Der Kartenausschnitt zeigt die Annexionswünsche der Niederländer.
Der Kartenausschnitt zeigt die Annexionswünsche der Niederländer.

Auf der Kabinettssitzung in Kleve wurden bereits geeignete Gegenmaßnahmen zu den niederländischen Annexionswünschen diskutiert und eine Besiedelung des Reichswaldes ins Auge gefasst – es war die Geburtsstunde von Reichs- und Nierswalde.

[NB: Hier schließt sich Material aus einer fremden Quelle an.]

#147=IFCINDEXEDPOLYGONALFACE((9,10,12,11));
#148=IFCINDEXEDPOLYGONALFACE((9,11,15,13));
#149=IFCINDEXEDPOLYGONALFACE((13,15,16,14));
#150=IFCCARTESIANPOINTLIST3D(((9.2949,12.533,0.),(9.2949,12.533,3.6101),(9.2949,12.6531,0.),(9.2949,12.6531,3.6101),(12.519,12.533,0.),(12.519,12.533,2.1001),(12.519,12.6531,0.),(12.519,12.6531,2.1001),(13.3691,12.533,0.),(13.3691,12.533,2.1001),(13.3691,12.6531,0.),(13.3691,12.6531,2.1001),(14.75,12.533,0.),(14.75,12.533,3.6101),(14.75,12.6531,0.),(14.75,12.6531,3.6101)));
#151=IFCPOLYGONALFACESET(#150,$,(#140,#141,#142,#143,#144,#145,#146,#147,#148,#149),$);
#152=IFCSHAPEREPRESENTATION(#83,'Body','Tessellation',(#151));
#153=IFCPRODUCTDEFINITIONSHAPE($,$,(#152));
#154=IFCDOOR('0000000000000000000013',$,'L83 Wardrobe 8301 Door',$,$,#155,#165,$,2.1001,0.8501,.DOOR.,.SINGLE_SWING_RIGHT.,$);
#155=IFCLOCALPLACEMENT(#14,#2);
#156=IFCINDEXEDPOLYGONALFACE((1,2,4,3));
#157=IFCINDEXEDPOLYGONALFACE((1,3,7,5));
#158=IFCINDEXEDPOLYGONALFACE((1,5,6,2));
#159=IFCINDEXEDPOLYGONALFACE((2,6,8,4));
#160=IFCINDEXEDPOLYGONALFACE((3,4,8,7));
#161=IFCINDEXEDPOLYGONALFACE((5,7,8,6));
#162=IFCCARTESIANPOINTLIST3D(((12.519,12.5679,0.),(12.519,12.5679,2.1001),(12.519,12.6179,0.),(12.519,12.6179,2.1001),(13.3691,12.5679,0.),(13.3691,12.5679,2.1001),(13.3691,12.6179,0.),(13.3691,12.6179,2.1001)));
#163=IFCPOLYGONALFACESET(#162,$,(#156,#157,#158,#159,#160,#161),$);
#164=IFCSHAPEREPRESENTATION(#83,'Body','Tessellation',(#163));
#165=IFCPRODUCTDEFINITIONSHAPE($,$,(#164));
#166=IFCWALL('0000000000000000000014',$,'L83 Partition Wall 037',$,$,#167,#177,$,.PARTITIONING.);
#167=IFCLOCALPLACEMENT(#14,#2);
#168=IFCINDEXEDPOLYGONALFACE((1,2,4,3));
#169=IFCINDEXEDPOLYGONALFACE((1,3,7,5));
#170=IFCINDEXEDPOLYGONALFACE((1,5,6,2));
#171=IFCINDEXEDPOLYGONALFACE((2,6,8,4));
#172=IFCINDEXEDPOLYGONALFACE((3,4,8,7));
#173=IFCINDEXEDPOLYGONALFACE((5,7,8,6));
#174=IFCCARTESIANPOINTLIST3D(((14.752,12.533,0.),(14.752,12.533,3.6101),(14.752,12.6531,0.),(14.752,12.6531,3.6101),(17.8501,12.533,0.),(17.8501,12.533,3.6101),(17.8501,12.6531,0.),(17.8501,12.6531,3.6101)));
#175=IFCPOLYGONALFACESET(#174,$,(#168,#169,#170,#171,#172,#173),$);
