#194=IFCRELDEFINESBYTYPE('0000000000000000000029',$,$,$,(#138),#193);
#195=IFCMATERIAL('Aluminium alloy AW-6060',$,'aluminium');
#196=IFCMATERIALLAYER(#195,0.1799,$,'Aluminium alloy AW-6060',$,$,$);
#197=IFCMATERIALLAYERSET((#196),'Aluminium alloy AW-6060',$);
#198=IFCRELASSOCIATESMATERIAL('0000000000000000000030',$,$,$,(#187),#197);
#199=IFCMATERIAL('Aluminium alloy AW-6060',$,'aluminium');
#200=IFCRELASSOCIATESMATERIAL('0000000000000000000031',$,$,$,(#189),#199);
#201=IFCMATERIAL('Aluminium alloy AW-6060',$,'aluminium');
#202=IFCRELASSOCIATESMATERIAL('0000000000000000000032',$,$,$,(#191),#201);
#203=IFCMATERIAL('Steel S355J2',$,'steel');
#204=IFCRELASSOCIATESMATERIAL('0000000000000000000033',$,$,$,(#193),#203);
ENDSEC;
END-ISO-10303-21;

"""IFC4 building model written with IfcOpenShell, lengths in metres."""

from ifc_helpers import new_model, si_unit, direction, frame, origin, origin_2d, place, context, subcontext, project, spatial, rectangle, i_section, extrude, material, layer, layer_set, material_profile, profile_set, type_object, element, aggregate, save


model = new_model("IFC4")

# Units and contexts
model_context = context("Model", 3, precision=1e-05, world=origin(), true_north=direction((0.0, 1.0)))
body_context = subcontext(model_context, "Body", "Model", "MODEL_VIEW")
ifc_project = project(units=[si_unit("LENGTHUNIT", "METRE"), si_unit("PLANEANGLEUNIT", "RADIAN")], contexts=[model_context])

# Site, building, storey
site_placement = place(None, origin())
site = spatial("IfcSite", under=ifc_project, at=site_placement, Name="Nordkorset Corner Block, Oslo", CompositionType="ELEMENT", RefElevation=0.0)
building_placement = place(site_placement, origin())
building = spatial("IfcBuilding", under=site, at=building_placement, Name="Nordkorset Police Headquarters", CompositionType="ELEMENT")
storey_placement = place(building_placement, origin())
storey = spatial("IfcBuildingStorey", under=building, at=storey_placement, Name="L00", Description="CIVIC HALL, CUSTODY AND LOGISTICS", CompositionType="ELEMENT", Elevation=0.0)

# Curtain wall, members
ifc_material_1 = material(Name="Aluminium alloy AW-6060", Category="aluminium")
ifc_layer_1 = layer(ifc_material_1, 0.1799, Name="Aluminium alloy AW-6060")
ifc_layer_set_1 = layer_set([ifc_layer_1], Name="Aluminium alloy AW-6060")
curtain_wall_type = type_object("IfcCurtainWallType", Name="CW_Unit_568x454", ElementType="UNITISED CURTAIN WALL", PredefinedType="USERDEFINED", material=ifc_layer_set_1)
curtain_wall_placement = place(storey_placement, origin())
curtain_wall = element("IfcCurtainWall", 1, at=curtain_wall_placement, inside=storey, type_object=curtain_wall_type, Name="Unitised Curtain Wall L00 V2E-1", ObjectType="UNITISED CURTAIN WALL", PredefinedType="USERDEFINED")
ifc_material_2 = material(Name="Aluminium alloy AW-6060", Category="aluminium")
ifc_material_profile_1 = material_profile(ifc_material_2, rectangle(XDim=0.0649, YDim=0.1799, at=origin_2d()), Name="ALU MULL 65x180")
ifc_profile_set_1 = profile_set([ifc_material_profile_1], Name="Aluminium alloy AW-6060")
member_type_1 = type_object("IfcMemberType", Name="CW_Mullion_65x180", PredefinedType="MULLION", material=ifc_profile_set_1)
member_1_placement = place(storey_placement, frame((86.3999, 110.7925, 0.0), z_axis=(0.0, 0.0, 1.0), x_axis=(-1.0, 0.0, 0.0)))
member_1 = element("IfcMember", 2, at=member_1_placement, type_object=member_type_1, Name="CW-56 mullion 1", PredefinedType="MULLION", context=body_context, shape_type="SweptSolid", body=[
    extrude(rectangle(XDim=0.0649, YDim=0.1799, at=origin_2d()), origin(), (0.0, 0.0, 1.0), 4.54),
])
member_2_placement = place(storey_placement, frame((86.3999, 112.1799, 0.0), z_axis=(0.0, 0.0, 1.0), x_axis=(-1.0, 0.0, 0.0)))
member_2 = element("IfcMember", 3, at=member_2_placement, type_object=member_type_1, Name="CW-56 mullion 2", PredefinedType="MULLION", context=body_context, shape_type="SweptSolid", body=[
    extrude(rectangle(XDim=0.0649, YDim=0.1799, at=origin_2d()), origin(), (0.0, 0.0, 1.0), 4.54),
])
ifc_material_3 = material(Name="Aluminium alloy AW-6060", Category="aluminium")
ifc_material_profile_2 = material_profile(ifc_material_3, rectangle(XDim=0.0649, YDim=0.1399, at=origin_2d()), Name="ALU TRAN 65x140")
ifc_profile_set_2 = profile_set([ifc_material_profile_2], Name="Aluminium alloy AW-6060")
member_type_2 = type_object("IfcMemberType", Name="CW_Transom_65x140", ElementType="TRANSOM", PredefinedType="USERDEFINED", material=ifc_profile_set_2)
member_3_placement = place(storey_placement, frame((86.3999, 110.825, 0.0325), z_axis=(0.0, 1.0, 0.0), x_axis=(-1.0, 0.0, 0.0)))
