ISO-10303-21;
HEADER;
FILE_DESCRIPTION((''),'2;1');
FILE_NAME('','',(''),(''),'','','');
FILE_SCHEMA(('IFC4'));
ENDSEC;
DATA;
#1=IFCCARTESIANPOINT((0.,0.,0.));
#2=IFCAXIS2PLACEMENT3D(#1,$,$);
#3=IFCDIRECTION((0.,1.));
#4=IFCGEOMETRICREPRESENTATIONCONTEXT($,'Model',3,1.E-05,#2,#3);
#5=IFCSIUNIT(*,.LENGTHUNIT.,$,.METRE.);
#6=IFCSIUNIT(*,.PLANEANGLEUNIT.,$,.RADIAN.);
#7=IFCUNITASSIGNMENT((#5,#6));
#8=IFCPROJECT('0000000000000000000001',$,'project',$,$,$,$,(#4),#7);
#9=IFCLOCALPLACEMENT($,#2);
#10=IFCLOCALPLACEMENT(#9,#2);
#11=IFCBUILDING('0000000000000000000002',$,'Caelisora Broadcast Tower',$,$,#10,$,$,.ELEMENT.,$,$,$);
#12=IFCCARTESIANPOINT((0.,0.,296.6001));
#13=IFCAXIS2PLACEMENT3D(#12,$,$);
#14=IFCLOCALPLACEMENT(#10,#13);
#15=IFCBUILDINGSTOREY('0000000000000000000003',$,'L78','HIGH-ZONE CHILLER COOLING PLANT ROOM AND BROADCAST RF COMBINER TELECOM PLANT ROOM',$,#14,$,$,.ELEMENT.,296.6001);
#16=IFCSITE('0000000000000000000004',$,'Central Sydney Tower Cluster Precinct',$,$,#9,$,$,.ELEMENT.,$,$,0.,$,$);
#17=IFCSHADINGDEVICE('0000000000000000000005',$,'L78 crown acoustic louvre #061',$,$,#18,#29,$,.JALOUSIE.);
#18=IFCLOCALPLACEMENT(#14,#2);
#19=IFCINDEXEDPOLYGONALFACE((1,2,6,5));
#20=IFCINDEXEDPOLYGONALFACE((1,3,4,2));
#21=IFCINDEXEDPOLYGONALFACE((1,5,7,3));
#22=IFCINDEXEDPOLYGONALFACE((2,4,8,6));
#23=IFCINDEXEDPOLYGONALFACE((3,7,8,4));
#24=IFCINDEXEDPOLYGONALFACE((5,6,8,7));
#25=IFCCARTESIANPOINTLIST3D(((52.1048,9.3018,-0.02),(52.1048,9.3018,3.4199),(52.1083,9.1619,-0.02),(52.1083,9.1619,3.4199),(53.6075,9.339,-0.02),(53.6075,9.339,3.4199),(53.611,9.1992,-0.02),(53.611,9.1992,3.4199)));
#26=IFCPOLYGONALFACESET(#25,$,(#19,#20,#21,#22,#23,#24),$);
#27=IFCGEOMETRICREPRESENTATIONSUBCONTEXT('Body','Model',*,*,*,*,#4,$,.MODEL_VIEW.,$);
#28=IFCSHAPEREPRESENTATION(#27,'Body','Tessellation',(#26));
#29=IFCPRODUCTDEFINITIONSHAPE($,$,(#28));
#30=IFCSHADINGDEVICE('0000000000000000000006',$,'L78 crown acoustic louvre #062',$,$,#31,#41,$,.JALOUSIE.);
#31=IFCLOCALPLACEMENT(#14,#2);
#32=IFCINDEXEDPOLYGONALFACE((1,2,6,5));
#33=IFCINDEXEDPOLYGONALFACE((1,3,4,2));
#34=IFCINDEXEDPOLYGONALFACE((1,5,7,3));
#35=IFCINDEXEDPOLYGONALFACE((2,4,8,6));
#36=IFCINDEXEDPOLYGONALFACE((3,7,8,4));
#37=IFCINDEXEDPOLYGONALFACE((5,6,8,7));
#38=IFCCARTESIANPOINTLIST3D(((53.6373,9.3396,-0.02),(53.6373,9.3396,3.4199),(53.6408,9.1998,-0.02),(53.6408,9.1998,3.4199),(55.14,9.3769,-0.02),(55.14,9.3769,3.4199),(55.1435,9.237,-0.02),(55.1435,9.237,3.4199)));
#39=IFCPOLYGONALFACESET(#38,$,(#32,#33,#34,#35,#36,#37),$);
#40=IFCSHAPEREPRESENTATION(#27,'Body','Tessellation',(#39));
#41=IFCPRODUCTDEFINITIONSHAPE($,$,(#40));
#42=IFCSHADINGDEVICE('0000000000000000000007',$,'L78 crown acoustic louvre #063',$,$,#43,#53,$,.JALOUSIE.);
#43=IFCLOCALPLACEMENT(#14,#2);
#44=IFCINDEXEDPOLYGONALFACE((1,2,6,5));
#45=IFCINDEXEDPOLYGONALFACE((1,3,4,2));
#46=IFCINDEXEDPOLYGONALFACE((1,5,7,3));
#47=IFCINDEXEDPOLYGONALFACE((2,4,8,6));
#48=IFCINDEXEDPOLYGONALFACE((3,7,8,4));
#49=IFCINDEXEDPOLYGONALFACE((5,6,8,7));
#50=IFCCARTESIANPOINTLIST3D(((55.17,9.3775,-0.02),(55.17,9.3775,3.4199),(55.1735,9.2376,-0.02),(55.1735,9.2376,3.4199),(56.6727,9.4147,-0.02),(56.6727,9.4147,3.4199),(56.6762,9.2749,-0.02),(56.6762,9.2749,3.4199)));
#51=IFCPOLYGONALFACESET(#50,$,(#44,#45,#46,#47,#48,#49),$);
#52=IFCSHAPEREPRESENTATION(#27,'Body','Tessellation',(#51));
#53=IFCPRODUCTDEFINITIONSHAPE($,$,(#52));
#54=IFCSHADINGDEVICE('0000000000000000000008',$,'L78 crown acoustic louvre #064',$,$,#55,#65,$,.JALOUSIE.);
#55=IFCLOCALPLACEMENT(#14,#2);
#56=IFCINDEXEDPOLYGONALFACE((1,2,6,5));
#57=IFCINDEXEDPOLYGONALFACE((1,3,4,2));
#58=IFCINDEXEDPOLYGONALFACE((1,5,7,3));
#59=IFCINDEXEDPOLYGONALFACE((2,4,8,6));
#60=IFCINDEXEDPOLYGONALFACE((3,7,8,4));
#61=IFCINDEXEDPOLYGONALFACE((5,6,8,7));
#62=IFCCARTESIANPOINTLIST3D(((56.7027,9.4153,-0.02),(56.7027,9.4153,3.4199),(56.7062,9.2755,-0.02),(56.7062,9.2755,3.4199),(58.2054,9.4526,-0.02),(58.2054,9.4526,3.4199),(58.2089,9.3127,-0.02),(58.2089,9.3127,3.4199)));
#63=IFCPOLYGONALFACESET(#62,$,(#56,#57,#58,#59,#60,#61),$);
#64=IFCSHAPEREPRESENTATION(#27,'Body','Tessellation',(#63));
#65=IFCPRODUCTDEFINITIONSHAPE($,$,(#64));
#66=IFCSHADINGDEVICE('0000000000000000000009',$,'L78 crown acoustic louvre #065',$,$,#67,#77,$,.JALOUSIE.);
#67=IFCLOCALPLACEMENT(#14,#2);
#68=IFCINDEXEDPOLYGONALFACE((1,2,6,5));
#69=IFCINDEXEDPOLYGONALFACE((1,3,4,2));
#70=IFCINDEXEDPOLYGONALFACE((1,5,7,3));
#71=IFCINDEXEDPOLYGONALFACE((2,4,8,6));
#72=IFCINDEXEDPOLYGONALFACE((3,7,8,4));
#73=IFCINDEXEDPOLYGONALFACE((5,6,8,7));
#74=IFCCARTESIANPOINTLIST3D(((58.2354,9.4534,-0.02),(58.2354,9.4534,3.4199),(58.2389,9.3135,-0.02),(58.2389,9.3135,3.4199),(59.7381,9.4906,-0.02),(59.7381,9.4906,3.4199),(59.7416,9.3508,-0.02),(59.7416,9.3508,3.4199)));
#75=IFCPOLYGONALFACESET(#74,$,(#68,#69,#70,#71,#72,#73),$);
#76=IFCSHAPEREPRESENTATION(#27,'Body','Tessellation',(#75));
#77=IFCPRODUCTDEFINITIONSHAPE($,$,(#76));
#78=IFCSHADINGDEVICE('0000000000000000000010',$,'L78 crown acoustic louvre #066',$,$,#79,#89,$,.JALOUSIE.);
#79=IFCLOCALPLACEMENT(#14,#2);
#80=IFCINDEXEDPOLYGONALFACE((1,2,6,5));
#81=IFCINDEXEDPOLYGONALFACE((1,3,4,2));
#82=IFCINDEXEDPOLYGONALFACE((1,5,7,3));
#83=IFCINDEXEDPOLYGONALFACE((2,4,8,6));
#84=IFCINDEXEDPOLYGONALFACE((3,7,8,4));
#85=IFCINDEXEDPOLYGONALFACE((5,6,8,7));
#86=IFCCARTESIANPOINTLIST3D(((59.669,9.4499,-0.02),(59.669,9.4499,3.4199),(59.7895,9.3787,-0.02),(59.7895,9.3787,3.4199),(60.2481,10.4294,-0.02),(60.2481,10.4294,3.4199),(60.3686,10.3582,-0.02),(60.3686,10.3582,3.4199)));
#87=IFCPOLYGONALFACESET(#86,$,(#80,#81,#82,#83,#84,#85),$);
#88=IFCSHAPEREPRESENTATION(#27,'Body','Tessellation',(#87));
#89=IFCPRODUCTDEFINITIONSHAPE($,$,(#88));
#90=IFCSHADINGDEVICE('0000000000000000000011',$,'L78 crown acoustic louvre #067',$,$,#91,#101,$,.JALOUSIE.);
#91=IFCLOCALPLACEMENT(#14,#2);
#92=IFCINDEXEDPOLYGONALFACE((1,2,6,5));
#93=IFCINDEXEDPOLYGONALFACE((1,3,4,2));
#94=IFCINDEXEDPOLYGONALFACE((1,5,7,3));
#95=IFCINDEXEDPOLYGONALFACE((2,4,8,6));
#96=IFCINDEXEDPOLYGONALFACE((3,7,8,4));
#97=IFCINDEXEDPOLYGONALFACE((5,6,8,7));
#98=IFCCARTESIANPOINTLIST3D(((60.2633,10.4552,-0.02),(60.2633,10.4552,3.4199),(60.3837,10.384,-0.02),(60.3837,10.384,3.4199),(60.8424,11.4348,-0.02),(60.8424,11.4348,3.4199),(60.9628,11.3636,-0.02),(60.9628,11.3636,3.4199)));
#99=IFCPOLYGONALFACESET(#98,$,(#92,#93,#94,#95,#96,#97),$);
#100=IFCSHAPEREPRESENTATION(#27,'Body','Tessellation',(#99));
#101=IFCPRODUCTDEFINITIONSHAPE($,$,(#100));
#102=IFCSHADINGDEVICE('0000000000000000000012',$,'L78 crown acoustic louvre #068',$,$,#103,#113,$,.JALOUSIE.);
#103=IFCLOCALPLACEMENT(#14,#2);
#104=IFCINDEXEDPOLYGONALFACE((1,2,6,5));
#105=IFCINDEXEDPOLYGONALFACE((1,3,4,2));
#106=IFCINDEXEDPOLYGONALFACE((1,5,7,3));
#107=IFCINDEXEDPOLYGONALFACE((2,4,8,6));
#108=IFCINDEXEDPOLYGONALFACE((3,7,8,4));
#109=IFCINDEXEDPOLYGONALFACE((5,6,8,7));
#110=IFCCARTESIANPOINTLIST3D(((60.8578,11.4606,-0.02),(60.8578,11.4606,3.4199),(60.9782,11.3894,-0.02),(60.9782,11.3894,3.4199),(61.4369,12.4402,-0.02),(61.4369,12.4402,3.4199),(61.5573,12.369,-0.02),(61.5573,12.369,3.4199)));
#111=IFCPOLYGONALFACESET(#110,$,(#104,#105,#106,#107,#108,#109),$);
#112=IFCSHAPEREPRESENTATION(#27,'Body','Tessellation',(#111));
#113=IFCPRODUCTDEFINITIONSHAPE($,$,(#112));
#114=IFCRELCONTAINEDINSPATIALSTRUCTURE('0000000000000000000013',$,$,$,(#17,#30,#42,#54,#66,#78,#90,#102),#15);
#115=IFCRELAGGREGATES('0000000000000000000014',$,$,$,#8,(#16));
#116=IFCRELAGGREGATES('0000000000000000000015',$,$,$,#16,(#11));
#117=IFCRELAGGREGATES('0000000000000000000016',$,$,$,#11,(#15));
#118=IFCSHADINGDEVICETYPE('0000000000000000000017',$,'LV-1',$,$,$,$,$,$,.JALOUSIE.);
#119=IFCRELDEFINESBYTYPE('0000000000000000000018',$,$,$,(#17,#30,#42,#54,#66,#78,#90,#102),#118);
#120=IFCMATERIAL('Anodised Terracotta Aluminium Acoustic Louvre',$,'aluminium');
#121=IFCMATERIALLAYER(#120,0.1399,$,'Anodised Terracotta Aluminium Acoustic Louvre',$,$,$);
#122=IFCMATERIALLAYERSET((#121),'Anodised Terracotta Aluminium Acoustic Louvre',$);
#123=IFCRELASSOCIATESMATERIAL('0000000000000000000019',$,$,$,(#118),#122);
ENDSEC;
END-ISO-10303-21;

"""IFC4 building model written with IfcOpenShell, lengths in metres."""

from ifc_helpers import new_model, si_unit, direction, frame, origin, origin_2d, place, context, subcontext, project, spatial, rectangle, extrude, source, transform, mapped, material, layer, layer_set, type_object, type_shapes, element, save


model = new_model("IFC4")

# Units and contexts
model_context = context("Model", 3, precision=1e-05, world=origin(), true_north=direction((0.0, 1.0)))
body_context = subcontext(model_context, "Body", "Model", "MODEL_VIEW")
ifc_project = project(units=[si_unit("LENGTHUNIT", "METRE"), si_unit("PLANEANGLEUNIT", "RADIAN")], contexts=[model_context])

# Site, building, storey
site_placement = place(None, origin())
site = spatial("IfcSite", under=ifc_project, at=site_placement, Name="Central Sydney Tower Cluster Precinct", CompositionType="ELEMENT", RefElevation=0.0)
building_placement = place(site_placement, origin())
building = spatial("IfcBuilding", under=site, at=building_placement, Name="Caelisora Broadcast Tower", CompositionType="ELEMENT")
storey_placement = place(building_placement, frame((0.0, 0.0, 296.6001)))
storey = spatial("IfcBuildingStorey", under=building, at=storey_placement, Name="L78", Description="HIGH-ZONE CHILLER COOLING PLANT ROOM AND BROADCAST RF COMBINER TELECOM PLANT ROOM", CompositionType="ELEMENT", Elevation=296.6001)

# Shading devices
ifc_material_1 = material(Name="Anodised Terracotta Aluminium Acoustic Louvre", Category="aluminium")
ifc_layer_1 = layer(ifc_material_1, 0.1399, Name="Anodised Terracotta Aluminium Acoustic Louvre")
ifc_layer_set_1 = layer_set([ifc_layer_1], Name="Anodised Terracotta Aluminium Acoustic Louvre")
shading_device_type = type_object("IfcShadingDeviceType", Name="LV-1", PredefinedType="JALOUSIE", material=ifc_layer_set_1)
shared_shape_1 = source(origin(), body_context, "Body", "SweptSolid", [
    extrude(rectangle(XDim=1.5032, YDim=0.1399, at=origin_2d()), origin(), (0.0, 0.0, 1.0), 3.4399),
])
for number, where, z_axis, x_axis, name in (
    (1, (52.8579, 9.2505, -0.02), (0.0, 0.0, 1.0), (0.999693, 0.024781, 0.0), "L78 crown acoustic louvre #061"),
    (2, (54.3904, 9.2883, -0.02), (0.0, 0.0, 1.0), (0.999693, 0.024781, 0.0), "L78 crown acoustic louvre #062"),
    (3, (55.9231, 9.3262, -0.02), (0.0, 0.0, 1.0), (0.999693, 0.024781, 0.0), "L78 crown acoustic louvre #063"),
    (4, (57.4558, 9.364, -0.02), (0.0, 0.0, 1.0), (0.999693, 0.024781, 0.0), "L78 crown acoustic louvre #064"),
    (5, (58.9885, 9.4021, -0.02), (0.0, 0.0, 1.0), (0.999693, 0.024781, 0.0), "L78 crown acoustic louvre #065"),
):
    element("IfcShadingDevice", number, at=place(storey_placement, frame(where, z_axis=z_axis, x_axis=x_axis)), inside=storey, type_object=shading_device_type, Name=name, PredefinedType="JALOUSIE", context=body_context, shape_type="MappedRepresentation", body=[
        mapped(shared_shape_1, transform((0.0, 0.0, 0.0), scale=1.0)),
    ])
shared_shape_2 = source(origin(), body_context, "Body", "SweptSolid", [
    extrude(rectangle(XDim=1.1379, YDim=0.1399, at=origin_2d()), origin(), (0.0, 0.0, 1.0), 3.4399),
])
type_shapes(shading_device_type, [shared_shape_1, shared_shape_2])
for number, where, z_axis, x_axis, name in (
    (6, (60.0188, 9.9041, -0.02), (0.0, 0.0, 1.0), (0.508891, 0.860831, 0.0), "L78 crown acoustic louvre #066"),
    (7, (60.613, 10.9094, -0.02), (0.0, 0.0, 1.0), (0.508891, 0.860831, 0.0), "L78 crown acoustic louvre #067"),
    (8, (61.2075, 11.9148, -0.02), (0.0, 0.0, 1.0), (0.508891, 0.860831, 0.0), "L78 crown acoustic louvre #068"),
):
    element("IfcShadingDevice", number, at=place(storey_placement, frame(where, z_axis=z_axis, x_axis=x_axis)), inside=storey, type_object=shading_device_type, Name=name, PredefinedType="JALOUSIE", context=body_context, shape_type="MappedRepresentation", body=[
        mapped(shared_shape_2, transform((0.0, 0.0, 0.0), scale=1.0)),
    ])

save(model, "model.ifc")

Heinrich Lübke, der spätere Bundespräsident, arbeitete einen Plan für Kleve aus, der am 19. Juli 1948 beschlossen wurde.

Zwei Monate später, am 18. September 1948, stellte Lübke seine Pläne im Hotel Kock Vertretern der Land- und Forstwirtschaft vor. Gebiete in Asperden und Materborn sollten mit Siedlern aus dem Kleverland und kriegsgeschädigten Bauern sowie Ostvertriebenen besiedelt werden. Daraufhin bewarben sich im Herbst 1948 gut 2000 Personen. Am 22. März 1949 konnten nach einem Auswahlverfahren 149 Siedler ihre Bauernstellen erwerben und bereits im Dezember lebten die ersten Bauern in Reichswalde.

Heinrich Lübke spielte eine entscheidende Rolle

„Heinrich Lübke war ausschlaggebend an dem Aufbau der Reichswaldsiedlungen beteiligt“, urteilt Sozialgeograf Jan Smit. Durch seinen Einsatz sei die Reichswaldbesiedlung auch mit einer Nationalpolitik verbunden. Die Reichswaldsiedlung ist als „Abwehrmaßnahme gegen die Annektierungsbestrebungen der Niederlande“ zu bewerten, so Smit.

Die Annexionspläne wurden schnell von den alliierten Besatzungsmächten USA und Großbritannien vom Tisch gefegt. Bereits im Herbst 1946 machte der amerikanische Außenminister James Byrnes deutlich, dass man einer Annexion deutschen Territoriums nicht zustimmen werde. Aus Annexionen wurden später „Grenzkorrekturen“, die am 22. März 1949 beschlossen wurden. Unter anderem wurden die Ortschaften Elten und Wyler dem niederländischen Staat übertragen.